Mastodon C is a big data company in London, England. They
provide data science and big data technology services to organizations with too
much data and not enough resources to analyse it. Mastodon C has been around
for about 18 months and runs big data systems for clients including media
firms, EST (Energy Savings Trust), and the Technology
Strategy Boards Future Cities program.

Francine Bennett, CEO of Mastodon C, has a background at
Google as a data analyst. Bennett has spoken about data science at London’s Women in Data group, major conferences and
the European Commission.

The founders of the company – Bennett and Bruce Durling,
Mastodon C’s CTO –  built a data
processing platform using cloud infrastructure, open source tools and

And they work in a sustainable way. Not by assuming cloud
infrastructure is better than on-premise infrastructure, and not by joining a
carbon offsetting scheme – Mastodon C performed a data analysis of
the IaaS industry.

Mastodon C’s
technical stack

Mastodon C’s data processing platform is placed on cloud
infrastructure – usually AWS EC2 machines running
the Ubuntu OS. The platform’s principal components
are Hadoop and Cassandra, wrapped in Clojure
code. It’s a combination that runs on commodity boxes, so different cloud
providers can be used for the infrastructure layer.

Bennett said they tailor this platform to meet customer
requirements. “The way that we work with clients is we’ve got this common core
of Hadoop and Cassandra technology,
with bits we have added around that to make it easier to deal with. It’s
loosely a platform that we customize to each customer”.

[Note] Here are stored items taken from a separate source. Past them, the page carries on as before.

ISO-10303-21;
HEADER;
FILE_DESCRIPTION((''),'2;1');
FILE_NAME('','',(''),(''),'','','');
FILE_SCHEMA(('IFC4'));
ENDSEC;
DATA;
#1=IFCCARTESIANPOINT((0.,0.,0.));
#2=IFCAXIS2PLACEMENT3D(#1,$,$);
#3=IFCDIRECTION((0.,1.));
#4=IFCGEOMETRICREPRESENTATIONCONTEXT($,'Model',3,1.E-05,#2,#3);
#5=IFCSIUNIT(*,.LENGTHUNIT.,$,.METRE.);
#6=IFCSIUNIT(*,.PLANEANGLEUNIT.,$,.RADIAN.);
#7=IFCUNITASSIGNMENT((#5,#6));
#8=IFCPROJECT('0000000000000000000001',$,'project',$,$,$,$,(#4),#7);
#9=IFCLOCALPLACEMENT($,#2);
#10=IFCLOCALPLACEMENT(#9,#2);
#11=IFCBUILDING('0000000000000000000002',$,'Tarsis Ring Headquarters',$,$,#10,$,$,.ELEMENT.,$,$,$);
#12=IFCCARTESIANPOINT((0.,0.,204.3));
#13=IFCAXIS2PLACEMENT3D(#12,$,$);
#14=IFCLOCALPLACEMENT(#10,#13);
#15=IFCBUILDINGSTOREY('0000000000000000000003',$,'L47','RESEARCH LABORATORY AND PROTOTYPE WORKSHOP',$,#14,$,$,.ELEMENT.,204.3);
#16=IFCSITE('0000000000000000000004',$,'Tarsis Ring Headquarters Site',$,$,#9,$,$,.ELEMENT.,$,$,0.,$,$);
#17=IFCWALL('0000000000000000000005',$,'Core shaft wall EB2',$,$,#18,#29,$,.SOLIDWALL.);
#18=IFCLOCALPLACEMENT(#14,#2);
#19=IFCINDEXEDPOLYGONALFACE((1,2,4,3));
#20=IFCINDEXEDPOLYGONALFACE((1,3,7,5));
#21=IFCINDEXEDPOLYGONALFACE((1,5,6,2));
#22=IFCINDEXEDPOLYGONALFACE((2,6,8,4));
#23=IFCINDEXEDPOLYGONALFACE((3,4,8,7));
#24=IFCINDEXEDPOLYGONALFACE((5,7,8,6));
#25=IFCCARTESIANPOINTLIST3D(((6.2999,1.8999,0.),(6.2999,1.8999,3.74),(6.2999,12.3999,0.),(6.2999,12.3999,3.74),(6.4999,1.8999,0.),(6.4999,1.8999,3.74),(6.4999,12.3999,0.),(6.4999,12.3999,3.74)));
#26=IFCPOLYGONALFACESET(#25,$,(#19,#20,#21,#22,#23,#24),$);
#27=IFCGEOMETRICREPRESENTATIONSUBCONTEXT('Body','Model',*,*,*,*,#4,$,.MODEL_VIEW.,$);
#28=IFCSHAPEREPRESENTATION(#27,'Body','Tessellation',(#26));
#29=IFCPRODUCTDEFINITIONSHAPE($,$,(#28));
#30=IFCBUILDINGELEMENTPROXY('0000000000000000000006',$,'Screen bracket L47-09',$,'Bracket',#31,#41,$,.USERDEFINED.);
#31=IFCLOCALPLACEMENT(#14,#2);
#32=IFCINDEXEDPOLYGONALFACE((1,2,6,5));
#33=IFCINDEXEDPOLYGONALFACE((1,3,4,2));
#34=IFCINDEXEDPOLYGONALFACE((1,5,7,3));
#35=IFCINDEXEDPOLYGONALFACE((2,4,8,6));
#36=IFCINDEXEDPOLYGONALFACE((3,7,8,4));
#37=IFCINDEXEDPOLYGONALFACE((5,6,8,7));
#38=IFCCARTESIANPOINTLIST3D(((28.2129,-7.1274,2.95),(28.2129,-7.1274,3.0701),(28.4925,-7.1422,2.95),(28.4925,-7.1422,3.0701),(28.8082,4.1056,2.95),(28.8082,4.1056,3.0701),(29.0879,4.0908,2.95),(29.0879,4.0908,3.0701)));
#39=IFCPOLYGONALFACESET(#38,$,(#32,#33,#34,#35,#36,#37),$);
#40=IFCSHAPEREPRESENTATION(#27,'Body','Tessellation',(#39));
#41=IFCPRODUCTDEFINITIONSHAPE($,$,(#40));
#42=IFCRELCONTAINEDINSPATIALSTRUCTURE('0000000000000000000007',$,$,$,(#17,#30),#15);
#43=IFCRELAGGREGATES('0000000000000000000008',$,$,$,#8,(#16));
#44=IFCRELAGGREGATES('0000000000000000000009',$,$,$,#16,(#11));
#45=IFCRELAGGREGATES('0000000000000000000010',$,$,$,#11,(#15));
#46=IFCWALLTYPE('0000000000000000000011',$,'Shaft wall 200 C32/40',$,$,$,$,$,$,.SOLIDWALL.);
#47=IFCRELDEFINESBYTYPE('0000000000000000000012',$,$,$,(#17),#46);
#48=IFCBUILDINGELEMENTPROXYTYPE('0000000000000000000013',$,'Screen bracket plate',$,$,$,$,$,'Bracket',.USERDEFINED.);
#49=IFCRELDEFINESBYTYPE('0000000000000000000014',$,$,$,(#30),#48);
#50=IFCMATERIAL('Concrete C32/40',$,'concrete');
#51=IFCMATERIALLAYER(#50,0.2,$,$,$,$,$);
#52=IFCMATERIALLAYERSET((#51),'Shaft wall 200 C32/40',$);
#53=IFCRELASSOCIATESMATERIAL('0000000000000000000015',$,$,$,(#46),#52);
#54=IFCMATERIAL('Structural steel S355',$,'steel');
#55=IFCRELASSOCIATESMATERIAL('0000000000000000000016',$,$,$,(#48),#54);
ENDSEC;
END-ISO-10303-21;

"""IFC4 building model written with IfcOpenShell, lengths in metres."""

from ifc_helpers import new_model, si_unit, direction, frame, frame_2d, origin, origin_2d, place, context, subcontext, project, spatial, rectangle, extrude, material, layer, layer_set, type_object, element, save


model = new_model("IFC4")

# Units and contexts
model_context = context("Model", 3, precision=1e-05, world=origin(), true_north=direction((0.0, 1.0)))
body_context = subcontext(model_context, "Body", "Model", "MODEL_VIEW")
ifc_project = project(units=[si_unit("LENGTHUNIT", "METRE"), si_unit("PLANEANGLEUNIT", "RADIAN")], contexts=[model_context])

# Site, building, storey
site_placement = place(None, origin())
site = spatial("IfcSite", under=ifc_project, at=site_placement, Name="Tarsis Ring Headquarters Site", CompositionType="ELEMENT", RefElevation=0.0)
building_placement = place(site_placement, origin())
building = spatial("IfcBuilding", under=site, at=building_placement, Name="Tarsis Ring Headquarters", CompositionType="ELEMENT")
storey_placement = place(building_placement, frame((0.0, 0.0, 204.3)))
storey = spatial("IfcBuildingStorey", under=building, at=storey_placement, Name="L47", Description="RESEARCH LABORATORY AND PROTOTYPE WORKSHOP", CompositionType="ELEMENT", Elevation=204.3)

# Shared definitions
ifc_material_1 = material(Name="Structural steel S355", Category="steel")

# Wall
ifc_material_2 = material(Name="Concrete C32/40", Category="concrete")
ifc_layer_1 = layer(ifc_material_2, 0.2)
ifc_layer_set_1 = layer_set([ifc_layer_1], Name="Shaft wall 200 C32/40")
wall_type_1 = type_object("IfcWallType", Name="Shaft wall 200 C32/40", PredefinedType="SOLIDWALL", material=ifc_layer_set_1)
wall_1_placement = place(storey_placement, frame((6.3999, 1.8999, 0.0), z_axis=(0.0, 0.0, 1.0), x_axis=(0.0, 1.0, 0.0)))
element("IfcWall", 1, at=wall_1_placement, inside=storey, type_object=wall_type_1, Name="Core shaft wall EB2", PredefinedType="SOLIDWALL", context=body_context, shape_type="SweptSolid", body=[
    extrude(rectangle(XDim=10.5, YDim=0.2, at=frame_2d((5.25, 0.0))), origin(), (0.0, 0.0, 1.0), 3.74),
])

# Building element proxy
building_element_proxy_type = type_object("IfcBuildingElementProxyType", Name="Screen bracket plate", ElementType="Bracket", PredefinedType="USERDEFINED", material=ifc_material_1)
proxy_placement = place(storey_placement, frame((28.6504, -1.5183, 2.95), z_axis=(0.0, 0.0, 1.0), x_axis=(0.052924, 0.998599, 0.0)))
element("IfcBuildingElementProxy", 2, at=proxy_placement, inside=storey, type_object=building_element_proxy_type, Name="Screen bracket L47-09", ObjectType="Bracket", PredefinedType="USERDEFINED", context=body_context, shape_type="SweptSolid", body=[
    extrude(rectangle(XDim=11.2488, YDim=0.28, at=origin_2d()), origin(), (0.0, 0.0, 1.0), 0.1201),
])

save(model, "model.ifc")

Clojure is used to customize the platform.
Clojure functional language that is heavy on mathematical functions and
expressions. Bennett explained why Mastodon C’s programmers are all Clojure
programmers. “That’s good for putting together data pipes. It’s Lisp and good
for expressing data flows”.

The C in Mastodon C

Mastodon C makes their workloads greener – not by
offsetting, but by moving computation to greener data centers.  It’s something Mastodon C have always done –
that C in the name stands for ‘Carbon Cloud Compute’. Bennett analyzed data center locations, their PUE (Power Usage
Effectiveness) and the power grids that feed them.

A company like AWS manages a global infrastructure. How
do you figure out if Oregon is greener than west Virginia? Bennett’s analyses
worked out “where to place processing jobs and analysis jobs. Because there
really isn’t public information out there we used public information on power
grids and some other analyses and pasted it all together, to figure out where
was best”. And best is not all about PUE. “It turns out the power grid you’re
feeding off is really important – more important than the efficiency itself”.

“PUE is important but if you think about it, say you have a
really good PUE of one and a half. A bad PUE might be three. That’s a two times
difference. If you actually look at the power grids of different locations
–look at west Virginia, which is where the biggest AWS site is – that region is
mainly powered by coal”.

“That’s tens of times worse than Switzerland, which is
mostly nuclear. The multiples are much bigger in terms of national grids than
they are in terms of PUE”.

How do customers react when Mastodon C suggest running
workloads in a less polluting IaaS data center? 
“Most people say ‘Oh, that’s nice, yes, you do that, that’s fine’.  If there is cost of effort involved then it
doesn’t tend to happen – I think just because 
IT and CSR [Corporate Social Responsibility]
do not tend to meet that much in the middle. They are slightly different worlds
in big companies. It’s difficult for an IT person to make decisions and justify
them to their boss when it comes to green considerations”.

It’s an exciting time
for data scientists

Bennett is positive about the future for Mastodon C. “The
potential is just so big and so interesting that is quite an exciting time to
be doing this stuff”.

Cloud IaaS and big data software can be applied by analysts
to help customers, in a way that was difficult in the past. “The infrastructure
is very solid now and commoditized. Much of the software is commoditized,
increasingly so. And there’s loads of data around – lots more than there was a
few years ago. It’s automatically produced by systems and by sensors and by all
sorts of other things. Suddenly the pieces are in place to do useful things
with data, which makes it very exciting”.